Is it possible to run FSDP on a module that is not part of the optimizer?

I have a teacher and a student, both submodules of the same model.

Currently I add whole model to the optimizer, but I only wrap teacher transformer blocks in FSDP.
I assume this means that even if my teacher runs with torch.nograd in forward pass, it will have fp16 weights (2bytes), fp16 gradients (2 bytes)+optimizer states(fp32 weights , adam states - 12 bytes) stored. Using mixed precision this is a total of 16 bytes/parameter. These get sharded accross 6 gpus so 16/6 bytes/gpu. (in these calculations I assume that deepspeed stage 3 documentation and way of computing memory usage also applies to FSDP)

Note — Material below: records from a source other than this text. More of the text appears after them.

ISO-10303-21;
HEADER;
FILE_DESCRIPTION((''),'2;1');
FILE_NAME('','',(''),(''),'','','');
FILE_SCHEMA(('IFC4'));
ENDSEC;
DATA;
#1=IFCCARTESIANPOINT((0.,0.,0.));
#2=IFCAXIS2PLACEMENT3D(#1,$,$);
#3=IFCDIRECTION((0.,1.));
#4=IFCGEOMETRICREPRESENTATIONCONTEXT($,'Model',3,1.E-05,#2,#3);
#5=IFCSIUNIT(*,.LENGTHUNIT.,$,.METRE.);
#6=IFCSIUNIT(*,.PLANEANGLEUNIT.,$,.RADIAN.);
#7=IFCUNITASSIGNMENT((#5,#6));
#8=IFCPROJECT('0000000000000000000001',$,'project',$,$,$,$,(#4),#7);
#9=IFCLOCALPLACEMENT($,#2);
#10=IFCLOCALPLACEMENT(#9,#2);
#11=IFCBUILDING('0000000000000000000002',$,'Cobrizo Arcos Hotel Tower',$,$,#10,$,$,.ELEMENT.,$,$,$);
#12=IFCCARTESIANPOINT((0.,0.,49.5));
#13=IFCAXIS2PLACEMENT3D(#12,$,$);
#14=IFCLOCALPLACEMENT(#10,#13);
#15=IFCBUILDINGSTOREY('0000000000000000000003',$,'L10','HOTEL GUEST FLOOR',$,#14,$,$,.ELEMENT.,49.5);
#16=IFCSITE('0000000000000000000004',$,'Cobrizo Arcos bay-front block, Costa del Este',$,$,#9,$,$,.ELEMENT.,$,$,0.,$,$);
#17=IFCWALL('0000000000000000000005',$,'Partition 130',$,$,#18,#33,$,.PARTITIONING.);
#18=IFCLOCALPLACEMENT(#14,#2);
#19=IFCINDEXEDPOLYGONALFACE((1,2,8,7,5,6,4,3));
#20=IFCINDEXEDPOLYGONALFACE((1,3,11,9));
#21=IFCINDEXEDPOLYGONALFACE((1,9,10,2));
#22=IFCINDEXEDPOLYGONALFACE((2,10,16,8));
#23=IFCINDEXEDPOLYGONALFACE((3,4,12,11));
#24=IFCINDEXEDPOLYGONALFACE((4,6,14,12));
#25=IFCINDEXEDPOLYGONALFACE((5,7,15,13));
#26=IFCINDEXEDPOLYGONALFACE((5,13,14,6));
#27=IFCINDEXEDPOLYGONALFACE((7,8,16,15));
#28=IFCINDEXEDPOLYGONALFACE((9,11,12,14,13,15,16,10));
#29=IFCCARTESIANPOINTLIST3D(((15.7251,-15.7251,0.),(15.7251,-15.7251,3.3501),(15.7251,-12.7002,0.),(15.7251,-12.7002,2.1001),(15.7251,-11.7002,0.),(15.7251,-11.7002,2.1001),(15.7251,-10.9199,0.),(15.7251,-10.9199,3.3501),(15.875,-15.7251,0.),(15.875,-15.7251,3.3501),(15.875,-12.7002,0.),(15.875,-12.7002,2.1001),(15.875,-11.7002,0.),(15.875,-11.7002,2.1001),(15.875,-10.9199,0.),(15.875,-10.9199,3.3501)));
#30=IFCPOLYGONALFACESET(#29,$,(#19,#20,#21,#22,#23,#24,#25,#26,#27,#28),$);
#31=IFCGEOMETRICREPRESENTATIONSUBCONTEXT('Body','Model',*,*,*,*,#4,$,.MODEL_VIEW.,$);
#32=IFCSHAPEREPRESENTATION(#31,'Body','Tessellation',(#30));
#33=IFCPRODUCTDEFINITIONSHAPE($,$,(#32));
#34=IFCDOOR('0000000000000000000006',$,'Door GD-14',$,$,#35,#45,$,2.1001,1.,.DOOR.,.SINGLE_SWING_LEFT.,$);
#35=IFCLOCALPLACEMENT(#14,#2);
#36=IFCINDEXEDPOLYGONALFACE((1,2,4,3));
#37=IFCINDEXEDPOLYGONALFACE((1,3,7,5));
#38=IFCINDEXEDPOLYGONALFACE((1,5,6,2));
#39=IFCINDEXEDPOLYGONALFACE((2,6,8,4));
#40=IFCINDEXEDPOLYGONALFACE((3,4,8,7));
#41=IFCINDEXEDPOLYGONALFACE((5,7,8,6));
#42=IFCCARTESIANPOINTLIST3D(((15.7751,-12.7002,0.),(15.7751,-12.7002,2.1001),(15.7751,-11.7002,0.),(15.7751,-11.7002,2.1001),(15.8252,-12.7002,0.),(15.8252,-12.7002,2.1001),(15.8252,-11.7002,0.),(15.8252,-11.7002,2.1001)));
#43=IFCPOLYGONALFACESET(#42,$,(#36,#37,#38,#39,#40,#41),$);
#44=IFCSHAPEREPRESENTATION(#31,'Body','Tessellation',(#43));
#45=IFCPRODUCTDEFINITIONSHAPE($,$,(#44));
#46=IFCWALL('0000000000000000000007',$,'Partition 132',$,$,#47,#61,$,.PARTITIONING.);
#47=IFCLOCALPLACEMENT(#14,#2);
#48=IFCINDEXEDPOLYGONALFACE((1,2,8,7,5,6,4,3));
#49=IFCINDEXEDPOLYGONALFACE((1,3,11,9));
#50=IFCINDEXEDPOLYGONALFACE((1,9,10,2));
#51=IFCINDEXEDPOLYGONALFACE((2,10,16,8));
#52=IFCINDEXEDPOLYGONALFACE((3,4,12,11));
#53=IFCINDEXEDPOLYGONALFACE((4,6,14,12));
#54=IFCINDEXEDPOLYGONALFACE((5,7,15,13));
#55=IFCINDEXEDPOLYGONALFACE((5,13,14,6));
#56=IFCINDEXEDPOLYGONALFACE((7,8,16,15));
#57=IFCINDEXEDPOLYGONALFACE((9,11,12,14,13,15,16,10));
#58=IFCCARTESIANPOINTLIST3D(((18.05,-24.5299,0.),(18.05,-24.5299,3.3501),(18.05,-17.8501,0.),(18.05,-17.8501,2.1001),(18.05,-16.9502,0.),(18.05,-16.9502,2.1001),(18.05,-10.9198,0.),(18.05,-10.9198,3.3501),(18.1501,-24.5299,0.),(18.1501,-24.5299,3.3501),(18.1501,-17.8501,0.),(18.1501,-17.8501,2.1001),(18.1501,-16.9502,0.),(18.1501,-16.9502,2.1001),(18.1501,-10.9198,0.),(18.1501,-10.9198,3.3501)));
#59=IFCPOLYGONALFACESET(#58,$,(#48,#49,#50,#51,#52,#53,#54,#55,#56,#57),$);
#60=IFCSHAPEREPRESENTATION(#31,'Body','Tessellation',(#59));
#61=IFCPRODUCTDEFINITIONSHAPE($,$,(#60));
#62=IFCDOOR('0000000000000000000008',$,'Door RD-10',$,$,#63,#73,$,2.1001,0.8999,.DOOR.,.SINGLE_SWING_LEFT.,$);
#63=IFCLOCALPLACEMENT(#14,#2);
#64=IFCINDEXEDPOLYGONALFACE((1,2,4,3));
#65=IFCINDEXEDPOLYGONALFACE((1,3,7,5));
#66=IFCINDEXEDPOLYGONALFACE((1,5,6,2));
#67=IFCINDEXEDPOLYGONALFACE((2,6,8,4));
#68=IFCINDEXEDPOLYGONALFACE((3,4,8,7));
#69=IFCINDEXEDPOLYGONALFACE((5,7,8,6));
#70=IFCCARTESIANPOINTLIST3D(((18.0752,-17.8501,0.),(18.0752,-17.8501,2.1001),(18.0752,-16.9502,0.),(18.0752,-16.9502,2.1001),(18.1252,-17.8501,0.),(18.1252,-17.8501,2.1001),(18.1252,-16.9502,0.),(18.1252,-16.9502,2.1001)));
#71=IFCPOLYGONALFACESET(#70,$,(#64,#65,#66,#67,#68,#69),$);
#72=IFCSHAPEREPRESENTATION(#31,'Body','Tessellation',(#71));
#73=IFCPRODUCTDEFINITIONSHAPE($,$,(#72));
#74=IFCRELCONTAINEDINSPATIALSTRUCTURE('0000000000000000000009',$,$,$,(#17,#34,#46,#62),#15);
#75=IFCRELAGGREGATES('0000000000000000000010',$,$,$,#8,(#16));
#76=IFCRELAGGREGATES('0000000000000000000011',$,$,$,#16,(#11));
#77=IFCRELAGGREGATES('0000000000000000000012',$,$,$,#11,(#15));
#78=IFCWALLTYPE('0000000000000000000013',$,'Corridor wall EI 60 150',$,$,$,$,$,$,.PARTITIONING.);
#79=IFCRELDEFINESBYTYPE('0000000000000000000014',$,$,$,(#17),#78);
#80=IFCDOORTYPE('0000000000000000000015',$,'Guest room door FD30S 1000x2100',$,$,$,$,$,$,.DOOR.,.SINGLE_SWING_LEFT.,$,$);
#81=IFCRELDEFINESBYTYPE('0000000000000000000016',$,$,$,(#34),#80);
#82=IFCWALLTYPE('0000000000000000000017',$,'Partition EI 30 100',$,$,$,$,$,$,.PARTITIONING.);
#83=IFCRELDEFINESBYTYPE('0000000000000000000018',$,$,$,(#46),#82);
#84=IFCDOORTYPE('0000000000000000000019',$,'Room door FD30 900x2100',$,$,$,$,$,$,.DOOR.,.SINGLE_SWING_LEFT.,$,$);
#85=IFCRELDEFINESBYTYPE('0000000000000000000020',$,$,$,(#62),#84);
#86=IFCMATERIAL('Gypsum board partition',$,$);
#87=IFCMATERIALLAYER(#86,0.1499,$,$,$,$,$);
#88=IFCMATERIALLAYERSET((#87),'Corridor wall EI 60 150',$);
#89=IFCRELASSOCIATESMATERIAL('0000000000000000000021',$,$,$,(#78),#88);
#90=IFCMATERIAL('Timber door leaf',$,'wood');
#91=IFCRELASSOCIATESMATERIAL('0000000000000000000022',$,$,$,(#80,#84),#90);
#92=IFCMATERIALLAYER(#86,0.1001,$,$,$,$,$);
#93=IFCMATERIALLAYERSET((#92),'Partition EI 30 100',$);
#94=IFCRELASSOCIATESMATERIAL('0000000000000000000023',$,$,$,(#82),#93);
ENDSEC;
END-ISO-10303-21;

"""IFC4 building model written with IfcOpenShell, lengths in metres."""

from ifc_helpers import new_model, si_unit, direction, frame, frame_2d, origin, place, context, subcontext, project, spatial, rectangle, extrude, material, layer, layer_set, type_object, element, fill, save


model = new_model("IFC4")

# Units and contexts
model_context = context("Model", 3, precision=1e-05, world=origin(), true_north=direction((0.0, 1.0)))
body_context = subcontext(model_context, "Body", "Model", "MODEL_VIEW")
ifc_project = project(units=[si_unit("LENGTHUNIT", "METRE"), si_unit("PLANEANGLEUNIT", "RADIAN")], contexts=[model_context])

# Site, building, storey
site_placement = place(None, origin())
site = spatial("IfcSite", under=ifc_project, at=site_placement, Name="Cobrizo Arcos bay-front block, Costa del Este", CompositionType="ELEMENT", RefElevation=0.0)
building_placement = place(site_placement, origin())
building = spatial("IfcBuilding", under=site, at=building_placement, Name="Cobrizo Arcos Hotel Tower", CompositionType="ELEMENT")
storey_placement = place(building_placement, frame((0.0, 0.0, 49.5)))
storey = spatial("IfcBuildingStorey", under=building, at=storey_placement, Name="L10", Description="HOTEL GUEST FLOOR", CompositionType="ELEMENT", Elevation=49.5)

# Walls, openings, doors
ifc_material_1 = material(Name="Gypsum board partition")
ifc_layer_1 = layer(ifc_material_1, 0.1499)
ifc_layer_set_1 = layer_set([ifc_layer_1], Name="Corridor wall EI 60 150")
wall_type_1 = type_object("IfcWallType", Name="Corridor wall EI 60 150", PredefinedType="PARTITIONING", material=ifc_layer_set_1)
wall_1_placement = place(storey_placement, frame((15.8, -15.7251, 0.0), z_axis=(0.0, 0.0, 1.0), x_axis=(0.0, 1.0, 0.0)))
wall_1 = element("IfcWall", 1, at=wall_1_placement, inside=storey, type_object=wall_type_1, Name="Partition 130", PredefinedType="PARTITIONING", context=body_context, shape_type="SweptSolid", body=[
    extrude(rectangle(XDim=4.8052, YDim=0.1499, at=frame_2d((2.4026, 0.0))), origin(), (0.0, 0.0, 1.0), 3.3501),
])
opening_1_placement = place(wall_1_placement, frame((3.0249, 0.0, 0.0)))
opening_1 = element("IfcOpeningElement", 2, at=opening_1_placement, cuts=wall_1, PredefinedType="OPENING", context=body_context, shape_type="SweptSolid", body=[
    extrude(rectangle(XDim=1.0, YDim=2.1001, at=frame_2d((0.5, 1.05))), frame((0.0, 0.0869, 0.0), z_axis=(0.0, -1.0, 0.0), x_axis=(1.0, 0.0, 0.0)), (0.0, 0.0, 1.0), 0.1738),
])
ifc_material_2 = material(Name="Timber door leaf", Category="wood")
door_type_1 = type_object("IfcDoorType", Name="Guest room door FD30S 1000x2100", OperationType="SINGLE_SWING_LEFT", PredefinedType="DOOR", material=ifc_material_2)
door_1_placement = place(opening_1_placement, origin())
door_1 = element("IfcDoor", 3, at=door_1_placement, inside=storey, type_object=door_type_1, Name="Door GD-14", OperationType="SINGLE_SWING_LEFT", OverallHeight=2.1001, OverallWidth=1.0, PredefinedType="DOOR", context=body_context, shape_type="SweptSolid", body=[
    extrude(rectangle(XDim=1.0, YDim=2.1001, at=frame_2d((0.5, 1.05))), frame((0.0, 0.0249, 0.0), z_axis=(0.0, -1.0, 0.0), x_axis=(1.0, 0.0, 0.0)), (0.0, 0.0, 1.0), 0.05),
])
fill(opening_1, door_1)
ifc_layer_2 = layer(ifc_material_1, 0.1001)
ifc_layer_set_2 = layer_set([ifc_layer_2], Name="Partition EI 30 100")
wall_type_2 = type_object("IfcWallType", Name="Partition EI 30 100", PredefinedType="PARTITIONING", material=ifc_layer_set_2)
wall_2_placement = place(storey_placement, frame((18.1001, -24.53, 0.0), z_axis=(0.0, 0.0, 1.0), x_axis=(0.0, 1.0, 0.0)))
wall_2 = element("IfcWall", 4, at=wall_2_placement, inside=storey, type_object=wall_type_2, Name="Partition 132", PredefinedType="PARTITIONING", context=body_context, shape_type="SweptSolid", body=[
    extrude(rectangle(XDim=13.6101, YDim=0.1001, at=frame_2d((6.8052, 0.0))), origin(), (0.0, 0.0, 1.0), 3.3501),
])
opening_2_placement = place(wall_2_placement, frame((6.6799, 0.0, 0.0)))
opening_2 = element("IfcOpeningElement", 5, at=opening_2_placement, cuts=wall_2, PredefinedType="OPENING", context=body_context, shape_type="SweptSolid", body=[
    extrude(rectangle(XDim=0.8999, YDim=2.1001, at=frame_2d((0.45, 1.05))), frame((0.0, 0.062, 0.0), z_axis=(0.0, -1.0, 0.0), x_axis=(1.0, 0.0, 0.0)), (0.0, 0.0, 1.0), 0.124),
])
door_type_2 = type_object("IfcDoorType", Name="Room door FD30 900x2100", OperationType="SINGLE_SWING_LEFT", PredefinedType="DOOR", material=ifc_material_2)
door_2_placement = place(opening_2_placement, origin())
door_2 = element("IfcDoor", 6, at=door_2_placement, inside=storey, type_object=door_type_2, Name="Door RD-10", OperationType="SINGLE_SWING_LEFT", OverallHeight=2.1001, OverallWidth=0.8999, PredefinedType="DOOR", context=body_context, shape_type="SweptSolid", body=[
    extrude(rectangle(XDim=0.8999, YDim=2.1001, at=frame_2d((0.45, 1.05))), frame((0.0, 0.0249, 0.0), z_axis=(0.0, -1.0, 0.0), x_axis=(1.0, 0.0, 0.0)), (0.0, 0.0, 1.0), 0.05),
])
fill(opening_2, door_2)

save(model, "model.ifc")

I wonder is it possible to get rid of gradients and optimizer states for my teacher and still apply FSDP to it? I found that if I don’t include it into the optimizer I get and error with FSDP…

Old method to reduce memory in teacher: What I did as an alternative to FSDP is that I set my teacher to fp16 with requires_grad=False, no FSDP, and I have only fp16 weights stored - 2 bytes/param in teacher.

My question: would FSDP be more efficient than my old method in reducing memory (is there a way to shard the remaining 2bytes/param across 6 gpus using fsdp)?